Suspense and curiosity are used as the key aspects to establish the plot points in Appu Bhattathiri's directorial debut Nizhal. It’s the kind of reverse engineering in plotting, to fit in a criminal and few murders.
Ever since the posters and trailers of Nizhal was revealed, a curiosity was built around the mask worn by Kunchacko Boban's character in the film. And the makers waste no time to state the reason for the same.
The very first shot opens with an owl, a symbol of paranormal wisdom, regal silence, and fierce intelligence, seemingly a reference to the major character. In the background, we witness an accident and soon the camera zooms in to a hospital room. John Baby (Kunchacko Boban) is the one injured here and is asked to wear a mask as part of the treatment for his injured nose.

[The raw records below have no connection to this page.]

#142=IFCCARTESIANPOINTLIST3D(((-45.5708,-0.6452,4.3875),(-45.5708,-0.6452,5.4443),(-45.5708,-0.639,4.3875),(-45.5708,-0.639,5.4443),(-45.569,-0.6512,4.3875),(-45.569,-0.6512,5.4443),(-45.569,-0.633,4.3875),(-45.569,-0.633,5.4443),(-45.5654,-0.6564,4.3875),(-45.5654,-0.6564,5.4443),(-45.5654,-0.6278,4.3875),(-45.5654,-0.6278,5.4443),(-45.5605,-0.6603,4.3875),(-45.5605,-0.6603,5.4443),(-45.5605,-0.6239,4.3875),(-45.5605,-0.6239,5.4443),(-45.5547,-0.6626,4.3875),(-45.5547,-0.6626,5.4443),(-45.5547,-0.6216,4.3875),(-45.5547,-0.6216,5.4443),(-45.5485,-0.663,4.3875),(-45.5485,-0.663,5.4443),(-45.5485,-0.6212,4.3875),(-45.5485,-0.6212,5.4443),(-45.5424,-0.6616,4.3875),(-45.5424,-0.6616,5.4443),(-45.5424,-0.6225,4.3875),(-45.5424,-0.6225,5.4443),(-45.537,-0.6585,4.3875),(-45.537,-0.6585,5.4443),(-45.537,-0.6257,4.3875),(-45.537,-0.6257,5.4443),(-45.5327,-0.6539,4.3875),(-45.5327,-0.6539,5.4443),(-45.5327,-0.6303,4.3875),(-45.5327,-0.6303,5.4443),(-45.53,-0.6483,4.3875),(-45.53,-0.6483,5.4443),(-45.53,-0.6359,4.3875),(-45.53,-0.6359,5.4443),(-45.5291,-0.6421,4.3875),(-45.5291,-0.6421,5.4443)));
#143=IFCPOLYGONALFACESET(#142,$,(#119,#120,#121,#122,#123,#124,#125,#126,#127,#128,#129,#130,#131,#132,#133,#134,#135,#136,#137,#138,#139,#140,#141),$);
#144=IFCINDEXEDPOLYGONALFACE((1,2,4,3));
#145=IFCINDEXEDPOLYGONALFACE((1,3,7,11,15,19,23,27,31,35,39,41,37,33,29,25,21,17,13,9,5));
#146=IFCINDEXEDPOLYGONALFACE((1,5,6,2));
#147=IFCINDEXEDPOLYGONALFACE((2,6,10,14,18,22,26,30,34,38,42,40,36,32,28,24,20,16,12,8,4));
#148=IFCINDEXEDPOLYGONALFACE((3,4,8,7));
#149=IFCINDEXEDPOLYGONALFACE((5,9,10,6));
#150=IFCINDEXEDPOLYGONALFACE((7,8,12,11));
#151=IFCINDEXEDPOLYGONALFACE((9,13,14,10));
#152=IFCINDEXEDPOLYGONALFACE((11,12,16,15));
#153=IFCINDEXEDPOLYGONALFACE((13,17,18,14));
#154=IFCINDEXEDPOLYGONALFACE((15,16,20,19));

The post traumatic stress disorder in the wake of the accident makes things difficult for him. In the meantime, his friend Shalini (Divya Prabha) who is a clinical psychologist talks to him about a strange story involving a little boy (Izin Hash). As a judicial magistrate of a civil court, John Baby gets curious regarding the boy and wishes to meet him. His protective mother Sharmila played by Nayanthara though initially hesitant, later develops a friendship with John Baby.
The basic thread begins with him investigating the boy's story as a case. He investigates and finds himself in eerie circumstances.
The filmmakers make sure to give a sense of shock at each intervals, because the point of the film is to create a suspense and the mystery that uncovers it. Director and editor Appu Bhattathiri's sharp and crisp cuts takes forward the narrative smoothly. S Sanjeev's screenplay sets the tense tone perfectly, managing to build a genuine and chilling thread.
There is an enveloping sense of underlying gloom that each characters exude. After a decent first half , the second half moves with a bumpy ride. By the climax, the convincing element for a thriller struggles to emerge. Although the tail end provided a breakthrough, Nizhal gets derailed by the cheesy backstory of the antagonist.
However, the actors, technical aspects and even the song sequences are so in tune with the general tone of the film that it’s impossible not to be gripped by their world.
Kunchacko Boban as the enigmatic judicial magistrate looks effortless. Though Kunchako Boban dominates the film, the flawless supporting cast gives it its finesse. Especially interesting is the chemistry between him and Nithin played by Izin Hash. The innocence and the mystery is well developed between them. The conversations between Kunchacko and Rony David give a light-hearted mood to the overall dark setting.
Appu Bhattathiri as an editor seemed to be clear with his vision as director -- knowing precisely how many seconds to retain a scene and how many to scissor out. With a cinematic approach, he manages to cover up the loose ends in writing.
The culmination of the mystery simmering underneath a stoic surface makes Nizhal a decent watch.